Героями мы не были, соитие продлилось недолго – мы слишком сильно хотели друг друга и кончили одновременно. А затем – только мое прерывистое дыхание ей в ухо, объятия Кракена, сжимающие тело женщины, которая разрушила все мои схемы менее чем за две недели и с которой у меня только что был потрясающий секс в старом и темном подъезде.
– Кажется, траха с такими видами у меня еще не было – прошептала Альба с полуулыбкой. И сжалась в моих объятиях, словно умоляя обнять ее еще крепче.
– У меня виды были получше: помимо площади, я любовался еще и твоей спиной, – улыбнулся я, положив голову ей на плечо.
– Светает. – Она кивнула на окно, как будто это не было очевидно.
– Время зари.
– Ты не пригласишь меня к себе?
Все, конец чарам.
– Если ты настаиваешь, я тебе уступлю, но я бы предпочел, чтобы ты этого не делала, – ответил я немного раздраженно, ослабляя объятия. Зачем лгать?
– Хорошо, – сказала она равнодушно, словно ответ был ей не важен. Поправила штаны, спортивный лифчик, майку и толстовку. Меня она словно не замечала.
Не обернувшись, накинула капюшон и вышла на улицы утренней Витории.
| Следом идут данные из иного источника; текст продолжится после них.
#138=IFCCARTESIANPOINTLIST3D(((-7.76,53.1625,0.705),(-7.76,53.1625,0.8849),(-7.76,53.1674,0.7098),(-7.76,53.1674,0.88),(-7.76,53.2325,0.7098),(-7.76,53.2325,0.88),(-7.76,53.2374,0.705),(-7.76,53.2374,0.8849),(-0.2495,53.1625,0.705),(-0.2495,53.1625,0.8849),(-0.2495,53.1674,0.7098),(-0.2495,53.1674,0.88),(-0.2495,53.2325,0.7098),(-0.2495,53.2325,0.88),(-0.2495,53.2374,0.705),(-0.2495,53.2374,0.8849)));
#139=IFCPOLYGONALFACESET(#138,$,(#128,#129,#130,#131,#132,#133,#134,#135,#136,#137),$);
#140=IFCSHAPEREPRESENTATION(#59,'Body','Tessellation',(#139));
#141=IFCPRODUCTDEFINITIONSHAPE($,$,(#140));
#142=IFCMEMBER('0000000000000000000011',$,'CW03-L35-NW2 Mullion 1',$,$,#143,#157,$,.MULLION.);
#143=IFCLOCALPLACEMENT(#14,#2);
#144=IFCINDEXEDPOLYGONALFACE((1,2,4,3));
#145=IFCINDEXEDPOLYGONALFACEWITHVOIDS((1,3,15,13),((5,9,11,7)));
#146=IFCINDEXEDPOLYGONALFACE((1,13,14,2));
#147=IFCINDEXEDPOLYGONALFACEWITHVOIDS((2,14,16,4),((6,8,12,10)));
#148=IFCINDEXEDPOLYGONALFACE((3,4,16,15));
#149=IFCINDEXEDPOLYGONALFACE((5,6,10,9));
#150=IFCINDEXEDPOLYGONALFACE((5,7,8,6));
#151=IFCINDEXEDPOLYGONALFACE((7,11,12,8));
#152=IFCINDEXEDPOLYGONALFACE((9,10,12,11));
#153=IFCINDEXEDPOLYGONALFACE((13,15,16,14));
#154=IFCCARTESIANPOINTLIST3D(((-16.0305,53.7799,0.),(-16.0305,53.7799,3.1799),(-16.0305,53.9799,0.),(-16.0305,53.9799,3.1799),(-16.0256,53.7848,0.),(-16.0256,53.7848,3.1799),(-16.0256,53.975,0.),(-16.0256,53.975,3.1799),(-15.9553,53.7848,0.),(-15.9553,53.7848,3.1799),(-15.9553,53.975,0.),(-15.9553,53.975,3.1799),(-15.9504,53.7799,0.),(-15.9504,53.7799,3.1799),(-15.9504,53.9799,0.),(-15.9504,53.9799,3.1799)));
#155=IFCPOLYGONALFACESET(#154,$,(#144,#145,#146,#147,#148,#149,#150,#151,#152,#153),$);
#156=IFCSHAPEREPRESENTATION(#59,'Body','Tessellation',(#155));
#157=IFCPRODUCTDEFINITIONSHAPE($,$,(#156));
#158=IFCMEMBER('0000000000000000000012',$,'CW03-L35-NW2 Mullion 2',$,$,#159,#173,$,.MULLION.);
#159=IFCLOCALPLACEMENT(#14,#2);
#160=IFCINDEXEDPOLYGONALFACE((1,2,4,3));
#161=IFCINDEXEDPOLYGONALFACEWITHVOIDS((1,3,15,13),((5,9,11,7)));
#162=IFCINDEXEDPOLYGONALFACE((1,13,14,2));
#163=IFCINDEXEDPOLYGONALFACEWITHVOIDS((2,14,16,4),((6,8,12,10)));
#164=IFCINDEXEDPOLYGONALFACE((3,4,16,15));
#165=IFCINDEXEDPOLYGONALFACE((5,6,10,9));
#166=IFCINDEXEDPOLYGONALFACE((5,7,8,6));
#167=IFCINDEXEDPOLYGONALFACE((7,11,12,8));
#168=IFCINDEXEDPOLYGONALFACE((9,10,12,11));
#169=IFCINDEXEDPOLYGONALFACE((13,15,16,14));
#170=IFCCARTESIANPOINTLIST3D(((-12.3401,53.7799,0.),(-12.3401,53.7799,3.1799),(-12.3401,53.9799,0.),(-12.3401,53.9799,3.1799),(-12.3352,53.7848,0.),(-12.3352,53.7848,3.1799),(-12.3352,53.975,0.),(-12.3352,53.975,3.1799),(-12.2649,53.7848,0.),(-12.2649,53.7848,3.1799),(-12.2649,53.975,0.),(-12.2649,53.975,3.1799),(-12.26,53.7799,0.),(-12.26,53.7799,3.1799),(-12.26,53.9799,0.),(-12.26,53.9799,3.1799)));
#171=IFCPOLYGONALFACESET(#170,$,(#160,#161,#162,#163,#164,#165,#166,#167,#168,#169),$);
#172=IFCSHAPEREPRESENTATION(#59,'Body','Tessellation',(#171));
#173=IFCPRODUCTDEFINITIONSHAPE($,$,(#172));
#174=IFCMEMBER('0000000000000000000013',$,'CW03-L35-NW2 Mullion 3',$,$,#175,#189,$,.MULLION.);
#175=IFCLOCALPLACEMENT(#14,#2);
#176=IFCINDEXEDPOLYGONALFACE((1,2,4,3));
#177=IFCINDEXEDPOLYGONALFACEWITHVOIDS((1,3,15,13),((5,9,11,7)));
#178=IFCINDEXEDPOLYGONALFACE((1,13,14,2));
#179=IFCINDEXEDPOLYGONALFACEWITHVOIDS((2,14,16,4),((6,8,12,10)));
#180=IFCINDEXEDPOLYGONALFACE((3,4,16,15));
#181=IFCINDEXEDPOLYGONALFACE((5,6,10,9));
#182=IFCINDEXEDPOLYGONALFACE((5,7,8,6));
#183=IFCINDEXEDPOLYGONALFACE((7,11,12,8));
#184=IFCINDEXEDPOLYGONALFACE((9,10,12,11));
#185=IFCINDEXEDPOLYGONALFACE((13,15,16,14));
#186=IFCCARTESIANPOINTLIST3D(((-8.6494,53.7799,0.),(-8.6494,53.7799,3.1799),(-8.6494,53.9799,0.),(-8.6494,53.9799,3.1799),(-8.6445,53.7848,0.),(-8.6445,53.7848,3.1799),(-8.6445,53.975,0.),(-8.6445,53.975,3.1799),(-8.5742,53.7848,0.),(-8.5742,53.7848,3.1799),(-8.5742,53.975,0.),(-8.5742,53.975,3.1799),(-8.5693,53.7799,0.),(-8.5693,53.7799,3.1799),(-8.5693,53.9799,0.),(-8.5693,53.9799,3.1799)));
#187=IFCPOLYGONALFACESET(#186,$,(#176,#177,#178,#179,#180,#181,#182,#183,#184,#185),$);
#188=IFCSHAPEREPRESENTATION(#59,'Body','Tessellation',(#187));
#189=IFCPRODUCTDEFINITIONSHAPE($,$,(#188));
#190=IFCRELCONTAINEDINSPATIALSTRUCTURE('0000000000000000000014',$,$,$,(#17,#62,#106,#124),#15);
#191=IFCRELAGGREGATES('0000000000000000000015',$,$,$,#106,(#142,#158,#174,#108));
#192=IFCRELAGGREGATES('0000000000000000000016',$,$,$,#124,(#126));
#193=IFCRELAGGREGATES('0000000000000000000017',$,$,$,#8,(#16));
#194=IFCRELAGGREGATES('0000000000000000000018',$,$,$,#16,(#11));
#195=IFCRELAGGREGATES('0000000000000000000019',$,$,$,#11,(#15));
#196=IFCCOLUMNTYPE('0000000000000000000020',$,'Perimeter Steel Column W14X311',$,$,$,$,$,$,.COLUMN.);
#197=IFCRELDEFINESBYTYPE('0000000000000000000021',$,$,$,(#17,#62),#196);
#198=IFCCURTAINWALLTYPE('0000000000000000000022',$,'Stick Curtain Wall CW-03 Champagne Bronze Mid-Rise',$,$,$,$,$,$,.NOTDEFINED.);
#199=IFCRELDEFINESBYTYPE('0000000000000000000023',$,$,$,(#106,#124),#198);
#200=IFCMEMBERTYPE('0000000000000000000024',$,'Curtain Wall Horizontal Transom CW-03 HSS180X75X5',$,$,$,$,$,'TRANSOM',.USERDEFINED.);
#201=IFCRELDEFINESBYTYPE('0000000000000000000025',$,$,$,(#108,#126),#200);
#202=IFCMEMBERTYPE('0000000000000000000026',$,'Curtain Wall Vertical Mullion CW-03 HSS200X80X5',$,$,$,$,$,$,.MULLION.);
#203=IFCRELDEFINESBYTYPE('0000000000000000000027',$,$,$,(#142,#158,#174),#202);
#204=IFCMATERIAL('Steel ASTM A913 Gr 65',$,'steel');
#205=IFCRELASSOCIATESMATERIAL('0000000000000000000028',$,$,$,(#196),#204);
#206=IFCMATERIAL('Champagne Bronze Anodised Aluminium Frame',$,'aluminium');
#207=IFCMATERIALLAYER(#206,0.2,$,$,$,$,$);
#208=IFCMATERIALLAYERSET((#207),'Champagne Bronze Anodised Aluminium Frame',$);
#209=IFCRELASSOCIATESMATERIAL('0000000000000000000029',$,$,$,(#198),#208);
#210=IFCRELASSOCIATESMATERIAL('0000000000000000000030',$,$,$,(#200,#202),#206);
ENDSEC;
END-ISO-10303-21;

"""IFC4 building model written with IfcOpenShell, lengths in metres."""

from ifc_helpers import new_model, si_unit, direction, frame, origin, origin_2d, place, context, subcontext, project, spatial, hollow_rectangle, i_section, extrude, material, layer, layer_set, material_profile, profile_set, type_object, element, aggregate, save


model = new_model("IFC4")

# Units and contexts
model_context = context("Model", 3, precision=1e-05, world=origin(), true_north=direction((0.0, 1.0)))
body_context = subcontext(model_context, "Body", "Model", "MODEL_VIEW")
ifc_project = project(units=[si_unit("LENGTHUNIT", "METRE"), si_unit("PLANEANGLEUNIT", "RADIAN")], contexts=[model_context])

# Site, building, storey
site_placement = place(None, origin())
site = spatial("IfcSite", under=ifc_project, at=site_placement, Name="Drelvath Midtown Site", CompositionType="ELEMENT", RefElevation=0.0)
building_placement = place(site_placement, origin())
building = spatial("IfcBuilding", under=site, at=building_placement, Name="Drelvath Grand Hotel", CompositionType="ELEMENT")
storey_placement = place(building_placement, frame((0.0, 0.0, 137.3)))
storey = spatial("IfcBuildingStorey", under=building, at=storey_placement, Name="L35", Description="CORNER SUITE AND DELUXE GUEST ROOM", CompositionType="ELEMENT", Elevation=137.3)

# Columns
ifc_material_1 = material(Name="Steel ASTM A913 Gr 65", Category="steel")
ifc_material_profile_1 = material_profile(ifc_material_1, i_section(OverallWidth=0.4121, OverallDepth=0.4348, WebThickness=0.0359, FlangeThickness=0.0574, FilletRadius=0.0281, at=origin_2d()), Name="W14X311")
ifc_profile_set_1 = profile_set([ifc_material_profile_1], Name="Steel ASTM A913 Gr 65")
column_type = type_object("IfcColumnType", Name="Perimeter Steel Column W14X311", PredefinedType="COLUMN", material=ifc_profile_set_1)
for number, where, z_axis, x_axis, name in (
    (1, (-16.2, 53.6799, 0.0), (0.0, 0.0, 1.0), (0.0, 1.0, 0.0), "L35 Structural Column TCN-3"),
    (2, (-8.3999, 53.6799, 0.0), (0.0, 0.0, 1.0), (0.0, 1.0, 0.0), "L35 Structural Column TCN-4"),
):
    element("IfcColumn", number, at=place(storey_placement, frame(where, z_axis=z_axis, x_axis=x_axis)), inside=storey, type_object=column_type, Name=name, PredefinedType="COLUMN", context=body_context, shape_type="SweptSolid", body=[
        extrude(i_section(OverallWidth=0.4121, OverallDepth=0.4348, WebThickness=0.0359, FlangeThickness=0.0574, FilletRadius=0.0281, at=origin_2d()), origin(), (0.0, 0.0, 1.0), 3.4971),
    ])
Чуть пригнула голову и побежала, как настоящий бегун, который не отказывается от своих привычек даже во время праздников.
Она захлопнула дверь у меня перед носом, и шум отдавался долгим эхом, а я смотрел в пустоту, стоя в темном подъезде в спущенных до колен штанах.
«Ты идиот, Унаи», – сказал я себе.
Поднялся по лестнице до третьего этажа, открыл дверь и осмотрелся. Как мог я приглашать ее к себе? Разве можно показывать кому-то, как выглядит моя жизнь на самом – деле?
«А как она выглядит, Унаи?» – спросил я себя впервые за долгое время.
Только сейчас я понял, как сильно вымотался.
И что прежнюю страницу так и не перевернул.
Повсюду фотографии Паулы, заключенные в рамки. Фотографии Паулы в коридоре, на подставке для телевизора, на столике справа от кровати… Я уселся на матрас и взял одну из них. Снимок УЗИ моих детей. Изображение цвета сепии, на котором можно было различить нос, точно такой, как у меня, губы такие же, как у Паулы, ручки, которые должны были после родов схватить меня за палец…
Я чувствовал себя ужасно: грязный, потный, пахнущий быстрым трахом и нашими общими соками. Залез в душ и только сейчас это понял. Прошлое никуда не делось, Герман был прав. Я себя обманывал. Вышел из душевой кабины мокрый, в ошметках пены, даже не вспомнив о полотенце; вернулся в гостиную и впервые увидел свой дом чужими глазами: это было святилище. Святилище, посвященное Пауле и моим детям.
В ужасе я повалился на диван, намочив обивку. Впервые взглянул на свою квартиру, где, как мне казалось, успешно выздоровел, опытным глазом профессионального психолога.